6 Steps of Healthcare Innovation with Naomi Fried, Chief Innovation Officer, Boston Children’s Hospital during the recent 2012 World Healthcare Congress
Is fostering a culture of innovation different in the health care sector compared to other industries? In the video shown below, Dr. Fried, Chief Innovation Officer at Boston Children’s Hospital discusses the differences and outlines the following steps of the healthcare innovation lifecycle.

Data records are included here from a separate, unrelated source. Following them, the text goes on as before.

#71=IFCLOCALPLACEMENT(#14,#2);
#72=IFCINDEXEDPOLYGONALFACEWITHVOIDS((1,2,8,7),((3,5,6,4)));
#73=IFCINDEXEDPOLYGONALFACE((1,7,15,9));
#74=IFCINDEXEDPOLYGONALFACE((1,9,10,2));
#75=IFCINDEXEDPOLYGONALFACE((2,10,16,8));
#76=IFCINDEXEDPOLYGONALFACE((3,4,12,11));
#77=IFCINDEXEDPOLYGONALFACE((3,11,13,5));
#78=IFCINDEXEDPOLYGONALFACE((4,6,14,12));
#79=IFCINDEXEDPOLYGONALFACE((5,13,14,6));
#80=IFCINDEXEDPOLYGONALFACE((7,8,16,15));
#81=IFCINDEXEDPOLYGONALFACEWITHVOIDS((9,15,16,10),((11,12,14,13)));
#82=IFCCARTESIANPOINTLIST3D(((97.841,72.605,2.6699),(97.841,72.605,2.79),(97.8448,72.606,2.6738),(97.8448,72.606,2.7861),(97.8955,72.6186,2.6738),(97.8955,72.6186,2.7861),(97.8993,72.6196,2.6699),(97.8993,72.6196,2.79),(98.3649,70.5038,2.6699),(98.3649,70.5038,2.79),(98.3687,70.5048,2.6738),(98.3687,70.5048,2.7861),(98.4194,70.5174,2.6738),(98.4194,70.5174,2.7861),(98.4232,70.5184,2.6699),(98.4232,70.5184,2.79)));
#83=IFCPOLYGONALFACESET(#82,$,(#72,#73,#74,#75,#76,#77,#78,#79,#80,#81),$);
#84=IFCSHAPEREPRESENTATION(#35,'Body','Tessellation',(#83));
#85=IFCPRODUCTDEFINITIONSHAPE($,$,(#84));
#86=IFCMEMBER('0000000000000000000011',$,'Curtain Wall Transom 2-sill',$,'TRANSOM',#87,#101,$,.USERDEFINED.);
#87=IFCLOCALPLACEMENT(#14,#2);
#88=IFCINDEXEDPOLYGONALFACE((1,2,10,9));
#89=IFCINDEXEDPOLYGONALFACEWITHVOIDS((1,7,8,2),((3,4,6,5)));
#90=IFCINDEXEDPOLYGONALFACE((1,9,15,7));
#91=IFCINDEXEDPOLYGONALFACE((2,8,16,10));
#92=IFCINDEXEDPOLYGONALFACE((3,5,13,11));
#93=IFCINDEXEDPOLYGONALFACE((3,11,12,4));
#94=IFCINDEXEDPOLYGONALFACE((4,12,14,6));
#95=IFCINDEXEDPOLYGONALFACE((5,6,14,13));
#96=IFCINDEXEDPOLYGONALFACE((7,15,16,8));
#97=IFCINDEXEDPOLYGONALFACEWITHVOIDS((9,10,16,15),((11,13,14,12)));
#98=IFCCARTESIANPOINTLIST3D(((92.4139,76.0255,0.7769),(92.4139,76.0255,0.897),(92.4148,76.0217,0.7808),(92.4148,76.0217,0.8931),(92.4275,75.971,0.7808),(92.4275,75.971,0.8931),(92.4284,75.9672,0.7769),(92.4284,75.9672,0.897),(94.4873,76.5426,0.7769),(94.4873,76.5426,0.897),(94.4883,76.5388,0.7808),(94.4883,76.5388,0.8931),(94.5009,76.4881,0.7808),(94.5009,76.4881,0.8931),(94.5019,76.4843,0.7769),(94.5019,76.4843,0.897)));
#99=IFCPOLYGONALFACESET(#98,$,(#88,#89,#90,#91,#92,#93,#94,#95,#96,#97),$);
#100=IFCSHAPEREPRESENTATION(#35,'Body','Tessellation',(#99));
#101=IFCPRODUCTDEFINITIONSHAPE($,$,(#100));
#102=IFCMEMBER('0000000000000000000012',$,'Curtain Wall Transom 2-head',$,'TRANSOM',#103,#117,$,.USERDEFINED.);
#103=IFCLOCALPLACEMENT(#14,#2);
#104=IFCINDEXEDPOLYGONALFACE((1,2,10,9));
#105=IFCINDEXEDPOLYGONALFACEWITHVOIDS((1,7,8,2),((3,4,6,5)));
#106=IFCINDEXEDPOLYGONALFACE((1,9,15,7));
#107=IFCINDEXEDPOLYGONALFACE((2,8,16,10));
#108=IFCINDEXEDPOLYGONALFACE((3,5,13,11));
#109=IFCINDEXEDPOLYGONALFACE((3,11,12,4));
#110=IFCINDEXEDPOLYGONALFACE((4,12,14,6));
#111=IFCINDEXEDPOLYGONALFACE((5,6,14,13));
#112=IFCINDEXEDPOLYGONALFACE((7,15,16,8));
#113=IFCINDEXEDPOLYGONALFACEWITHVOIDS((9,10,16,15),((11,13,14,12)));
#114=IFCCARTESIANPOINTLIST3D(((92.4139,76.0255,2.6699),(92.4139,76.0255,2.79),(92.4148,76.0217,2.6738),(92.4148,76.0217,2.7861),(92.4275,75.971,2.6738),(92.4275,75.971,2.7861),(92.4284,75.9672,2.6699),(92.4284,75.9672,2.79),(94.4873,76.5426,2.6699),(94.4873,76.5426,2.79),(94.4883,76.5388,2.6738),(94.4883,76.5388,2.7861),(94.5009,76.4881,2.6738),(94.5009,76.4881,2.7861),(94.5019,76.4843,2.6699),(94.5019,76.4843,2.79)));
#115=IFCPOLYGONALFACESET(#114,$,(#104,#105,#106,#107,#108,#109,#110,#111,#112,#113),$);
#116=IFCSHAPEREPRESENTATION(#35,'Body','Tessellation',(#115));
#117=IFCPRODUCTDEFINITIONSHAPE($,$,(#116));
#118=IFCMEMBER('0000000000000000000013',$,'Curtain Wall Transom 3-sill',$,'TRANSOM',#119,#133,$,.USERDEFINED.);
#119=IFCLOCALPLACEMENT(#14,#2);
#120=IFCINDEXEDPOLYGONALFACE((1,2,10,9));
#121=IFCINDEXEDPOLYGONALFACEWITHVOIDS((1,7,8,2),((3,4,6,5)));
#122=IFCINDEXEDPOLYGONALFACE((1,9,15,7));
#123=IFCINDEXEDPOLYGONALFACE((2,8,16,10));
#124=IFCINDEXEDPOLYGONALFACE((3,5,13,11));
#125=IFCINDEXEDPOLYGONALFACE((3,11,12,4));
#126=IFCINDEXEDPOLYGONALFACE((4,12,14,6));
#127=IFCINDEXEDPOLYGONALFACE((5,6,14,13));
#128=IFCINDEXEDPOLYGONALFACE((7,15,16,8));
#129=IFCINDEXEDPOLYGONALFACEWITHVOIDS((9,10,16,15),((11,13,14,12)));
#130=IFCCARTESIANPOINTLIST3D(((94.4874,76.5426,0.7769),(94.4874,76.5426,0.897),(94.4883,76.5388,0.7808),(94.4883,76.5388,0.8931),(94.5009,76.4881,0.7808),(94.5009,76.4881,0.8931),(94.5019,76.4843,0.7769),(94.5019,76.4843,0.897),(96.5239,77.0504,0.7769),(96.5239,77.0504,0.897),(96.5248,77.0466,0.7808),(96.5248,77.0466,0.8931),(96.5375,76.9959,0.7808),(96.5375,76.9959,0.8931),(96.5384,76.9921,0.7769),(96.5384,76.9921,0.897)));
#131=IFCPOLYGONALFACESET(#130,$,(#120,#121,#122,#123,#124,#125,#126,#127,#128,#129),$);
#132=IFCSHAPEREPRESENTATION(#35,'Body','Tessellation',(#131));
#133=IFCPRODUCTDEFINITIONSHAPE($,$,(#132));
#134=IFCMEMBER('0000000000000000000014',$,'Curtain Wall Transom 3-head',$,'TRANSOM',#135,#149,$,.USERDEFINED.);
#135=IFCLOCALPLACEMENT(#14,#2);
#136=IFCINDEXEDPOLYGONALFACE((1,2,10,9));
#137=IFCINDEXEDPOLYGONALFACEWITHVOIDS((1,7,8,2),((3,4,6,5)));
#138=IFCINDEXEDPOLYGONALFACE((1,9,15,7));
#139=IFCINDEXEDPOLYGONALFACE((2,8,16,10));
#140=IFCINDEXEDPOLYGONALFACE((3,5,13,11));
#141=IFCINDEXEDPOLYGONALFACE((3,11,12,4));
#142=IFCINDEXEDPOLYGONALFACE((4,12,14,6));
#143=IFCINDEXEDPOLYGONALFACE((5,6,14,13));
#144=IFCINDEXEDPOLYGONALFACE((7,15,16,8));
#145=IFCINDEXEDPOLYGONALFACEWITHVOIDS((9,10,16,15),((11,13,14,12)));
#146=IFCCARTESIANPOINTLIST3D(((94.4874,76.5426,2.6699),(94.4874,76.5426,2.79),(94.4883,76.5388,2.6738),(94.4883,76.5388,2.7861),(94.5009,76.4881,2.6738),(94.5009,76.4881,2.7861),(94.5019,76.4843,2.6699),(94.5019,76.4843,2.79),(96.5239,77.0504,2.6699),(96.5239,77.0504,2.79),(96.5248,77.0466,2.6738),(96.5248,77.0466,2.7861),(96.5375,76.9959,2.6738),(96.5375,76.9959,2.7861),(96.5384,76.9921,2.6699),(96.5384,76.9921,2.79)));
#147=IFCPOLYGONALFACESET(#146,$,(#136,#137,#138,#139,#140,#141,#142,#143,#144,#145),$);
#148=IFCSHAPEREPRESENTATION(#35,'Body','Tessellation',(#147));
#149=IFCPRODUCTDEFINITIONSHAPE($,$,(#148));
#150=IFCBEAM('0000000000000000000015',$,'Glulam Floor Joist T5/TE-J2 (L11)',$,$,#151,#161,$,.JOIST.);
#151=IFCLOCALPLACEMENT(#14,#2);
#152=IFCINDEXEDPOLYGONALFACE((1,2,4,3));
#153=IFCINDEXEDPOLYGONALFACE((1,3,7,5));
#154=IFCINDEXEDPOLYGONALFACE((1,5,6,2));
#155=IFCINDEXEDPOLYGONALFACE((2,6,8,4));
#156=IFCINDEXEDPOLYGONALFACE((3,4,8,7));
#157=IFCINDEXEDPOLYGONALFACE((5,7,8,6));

Healthcare Innovation Lifecycle
Stage 1: Initiate
An innovation’s lifecycle begins with the identification of a problem or opportunity. The innovator defines the vision and objectives, which should including identifying available resources and establishing the scope of the future project. Initiation is not typically a difficult stage, but it’s an important one to get right and, if skipped or not done fully, can cause problems later.
Stage 2: Ideate
Often innovators confuse ideation with innovation, but ideation is really a piece of the larger cycle. It involves sourcing, creating, evaluating and filtering ideas to meet the innovator’s vision.
Stage 3: Pilot
After harvesting the best ideas, innovators must build and test a functional prototype of the new idea. To succeed in the pilot phase, innovators need to develop a clear set of metrics and avoid moving “goal posts.” Failures in the pilot stage are a form of success and an opportunity for learning.
The O-gap
Now comes a chasm. In an ideal world, new ideas would be easily and broadly adopted with little or no resistance. But in real life, people are often reluctant to embrace innovations. I have coined the term “operationalization gap” or “o-gap” to explain the challenge of diffusing a new idea broadly across an organization. O-gaps are common in large, siloed organizations, less common (or narrower) in smaller or hierarchical organizations.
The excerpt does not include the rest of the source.